Conclusion and Next Steps
Decision: Proceed with Guardrails
Rationale: Sulfasalazine — the prodrug from which mesalazine is derived — is an established RA DMARD with decades of clinical use, providing strong historical and mechanistic grounding for this repurposing hypothesis. In vitro evidence confirms that mesalazine (5-ASA) directly modulates RA-relevant synovial tissue targets (cytokines, MMPs) via NF-κB and COX/LOX pathways. However, the critical limitation is that clinical comparative trials have consistently shown sulfapyridine — not 5-ASA — to be the dominant antirheumatic moiety in sulfasalazine, meaning mesalazine monotherapy in RA remains an untested hypothesis requiring purpose-designed clinical evidence.

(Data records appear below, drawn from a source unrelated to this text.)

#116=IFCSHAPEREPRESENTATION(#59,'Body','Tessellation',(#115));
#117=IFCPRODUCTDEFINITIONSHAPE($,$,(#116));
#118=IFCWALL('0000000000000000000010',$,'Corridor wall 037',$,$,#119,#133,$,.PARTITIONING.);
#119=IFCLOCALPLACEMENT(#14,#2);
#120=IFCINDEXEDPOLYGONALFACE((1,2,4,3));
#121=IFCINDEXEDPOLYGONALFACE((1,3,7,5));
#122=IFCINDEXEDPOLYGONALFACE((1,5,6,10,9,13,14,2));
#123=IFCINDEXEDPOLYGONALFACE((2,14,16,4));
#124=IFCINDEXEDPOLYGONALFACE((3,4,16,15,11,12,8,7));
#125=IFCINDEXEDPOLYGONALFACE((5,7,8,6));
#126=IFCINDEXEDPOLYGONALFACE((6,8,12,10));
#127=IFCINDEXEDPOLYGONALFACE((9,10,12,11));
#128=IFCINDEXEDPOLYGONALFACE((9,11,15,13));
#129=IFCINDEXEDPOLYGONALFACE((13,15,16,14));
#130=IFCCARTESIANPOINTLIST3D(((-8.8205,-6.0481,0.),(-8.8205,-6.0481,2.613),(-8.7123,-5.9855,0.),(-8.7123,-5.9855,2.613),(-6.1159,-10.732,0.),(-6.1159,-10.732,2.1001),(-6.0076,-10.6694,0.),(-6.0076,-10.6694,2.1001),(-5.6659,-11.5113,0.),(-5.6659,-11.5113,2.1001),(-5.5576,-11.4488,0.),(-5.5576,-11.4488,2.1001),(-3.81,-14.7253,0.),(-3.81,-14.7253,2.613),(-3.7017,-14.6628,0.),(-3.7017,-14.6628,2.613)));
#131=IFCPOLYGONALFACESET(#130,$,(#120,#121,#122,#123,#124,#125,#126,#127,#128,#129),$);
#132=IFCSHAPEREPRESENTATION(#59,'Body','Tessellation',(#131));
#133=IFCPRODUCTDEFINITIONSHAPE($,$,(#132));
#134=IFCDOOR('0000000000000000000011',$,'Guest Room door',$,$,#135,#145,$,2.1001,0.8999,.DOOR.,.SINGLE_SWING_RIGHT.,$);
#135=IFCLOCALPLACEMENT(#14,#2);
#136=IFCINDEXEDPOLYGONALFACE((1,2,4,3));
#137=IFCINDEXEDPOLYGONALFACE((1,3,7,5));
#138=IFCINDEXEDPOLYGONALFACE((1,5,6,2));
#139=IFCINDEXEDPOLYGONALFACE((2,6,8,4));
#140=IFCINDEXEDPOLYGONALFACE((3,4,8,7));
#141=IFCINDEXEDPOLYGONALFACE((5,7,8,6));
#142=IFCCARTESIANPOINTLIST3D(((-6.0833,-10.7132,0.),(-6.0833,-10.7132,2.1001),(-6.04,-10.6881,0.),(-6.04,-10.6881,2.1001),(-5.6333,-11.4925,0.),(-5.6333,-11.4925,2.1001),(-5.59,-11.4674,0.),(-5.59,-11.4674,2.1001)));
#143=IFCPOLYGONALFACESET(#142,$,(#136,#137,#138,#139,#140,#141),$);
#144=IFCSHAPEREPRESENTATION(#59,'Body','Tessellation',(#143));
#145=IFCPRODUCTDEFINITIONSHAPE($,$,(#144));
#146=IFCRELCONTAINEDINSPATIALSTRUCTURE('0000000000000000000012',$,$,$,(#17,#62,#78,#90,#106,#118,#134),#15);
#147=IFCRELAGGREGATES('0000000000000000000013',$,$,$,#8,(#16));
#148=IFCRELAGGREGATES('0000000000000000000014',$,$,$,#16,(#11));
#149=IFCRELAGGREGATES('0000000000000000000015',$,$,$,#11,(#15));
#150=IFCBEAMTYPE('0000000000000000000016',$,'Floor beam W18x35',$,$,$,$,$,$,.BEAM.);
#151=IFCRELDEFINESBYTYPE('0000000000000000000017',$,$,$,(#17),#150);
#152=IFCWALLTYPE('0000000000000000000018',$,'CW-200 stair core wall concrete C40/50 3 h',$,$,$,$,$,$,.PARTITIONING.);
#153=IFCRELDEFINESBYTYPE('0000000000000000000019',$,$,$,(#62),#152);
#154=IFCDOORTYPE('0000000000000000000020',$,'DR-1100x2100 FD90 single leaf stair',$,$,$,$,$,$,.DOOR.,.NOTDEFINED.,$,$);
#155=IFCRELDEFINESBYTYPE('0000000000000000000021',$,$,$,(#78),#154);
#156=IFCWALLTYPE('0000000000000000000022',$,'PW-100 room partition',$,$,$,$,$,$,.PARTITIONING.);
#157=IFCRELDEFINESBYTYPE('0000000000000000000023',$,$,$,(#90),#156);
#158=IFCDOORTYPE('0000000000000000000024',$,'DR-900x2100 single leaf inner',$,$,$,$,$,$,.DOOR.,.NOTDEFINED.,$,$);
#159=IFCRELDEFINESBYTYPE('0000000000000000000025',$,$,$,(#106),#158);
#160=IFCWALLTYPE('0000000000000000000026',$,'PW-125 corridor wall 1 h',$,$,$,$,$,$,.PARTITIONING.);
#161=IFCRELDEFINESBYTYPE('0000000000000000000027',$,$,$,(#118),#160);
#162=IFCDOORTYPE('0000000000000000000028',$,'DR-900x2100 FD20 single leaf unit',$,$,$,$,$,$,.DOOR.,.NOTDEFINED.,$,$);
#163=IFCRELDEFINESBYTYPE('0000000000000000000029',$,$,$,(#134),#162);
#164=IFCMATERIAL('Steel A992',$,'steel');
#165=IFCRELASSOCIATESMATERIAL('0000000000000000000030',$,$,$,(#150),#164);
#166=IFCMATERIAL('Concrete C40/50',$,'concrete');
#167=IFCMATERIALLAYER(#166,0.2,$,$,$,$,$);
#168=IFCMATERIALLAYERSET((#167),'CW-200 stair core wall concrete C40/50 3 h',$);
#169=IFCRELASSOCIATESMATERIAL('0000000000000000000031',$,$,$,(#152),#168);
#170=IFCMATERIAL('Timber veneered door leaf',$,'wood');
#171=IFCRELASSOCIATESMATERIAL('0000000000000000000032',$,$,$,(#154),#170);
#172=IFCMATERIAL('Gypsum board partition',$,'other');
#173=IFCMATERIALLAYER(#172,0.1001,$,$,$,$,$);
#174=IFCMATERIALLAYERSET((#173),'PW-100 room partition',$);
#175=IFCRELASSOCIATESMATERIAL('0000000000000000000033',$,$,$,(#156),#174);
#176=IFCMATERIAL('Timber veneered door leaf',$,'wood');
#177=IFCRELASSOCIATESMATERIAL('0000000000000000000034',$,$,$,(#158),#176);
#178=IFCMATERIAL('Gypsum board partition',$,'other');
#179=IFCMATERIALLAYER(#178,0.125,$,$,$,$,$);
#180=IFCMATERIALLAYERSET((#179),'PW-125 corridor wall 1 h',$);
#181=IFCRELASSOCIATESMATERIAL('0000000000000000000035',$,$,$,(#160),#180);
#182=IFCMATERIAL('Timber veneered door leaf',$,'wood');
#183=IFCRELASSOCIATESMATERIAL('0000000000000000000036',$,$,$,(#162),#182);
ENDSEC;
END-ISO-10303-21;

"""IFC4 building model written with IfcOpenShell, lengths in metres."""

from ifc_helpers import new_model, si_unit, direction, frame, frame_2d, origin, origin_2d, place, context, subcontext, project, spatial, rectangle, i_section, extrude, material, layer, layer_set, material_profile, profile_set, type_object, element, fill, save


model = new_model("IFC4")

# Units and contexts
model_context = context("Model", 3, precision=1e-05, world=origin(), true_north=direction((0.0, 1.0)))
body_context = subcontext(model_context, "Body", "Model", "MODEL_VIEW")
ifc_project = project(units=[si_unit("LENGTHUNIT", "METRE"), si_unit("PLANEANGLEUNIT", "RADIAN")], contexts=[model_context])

To proceed, the following is needed:
- Obtain full mechanism of action (MOA) documentation from DrugBank API (data gap DG002)
- Obtain India/regional regulatory labeling (package insert) for complete warnings and contraindications (data gap DG001)
- Design a dedicated Phase 2 pilot trial of oral mesalazine monotherapy in early or mild-to-moderate RA, with PK/PD endpoints establishing achievable systemic 5-ASA concentrations
- Conduct pharmacokinetic modeling to determine whether oral mesalazine can achieve synovial tissue concentrations sufficient for the anti-inflammatory effects demonstrated in vitro
- Assess TPMT genotype and azathioprine co-medication status in any RA patient population enrolled, given the DDI signal
- Monitor for the paradoxical risk of mesalazine-induced colitis, as documented in the 2025 case report (PMID 41443863) in RA patients
- Explore whether a systemic (non-enteric-coated) formulation would improve bioavailability and mechanistic reach beyond the colonic mucosa
Disclaimer
This content is for research purposes only and does not constitute medical advice. Clinical validation is required before any clinical application.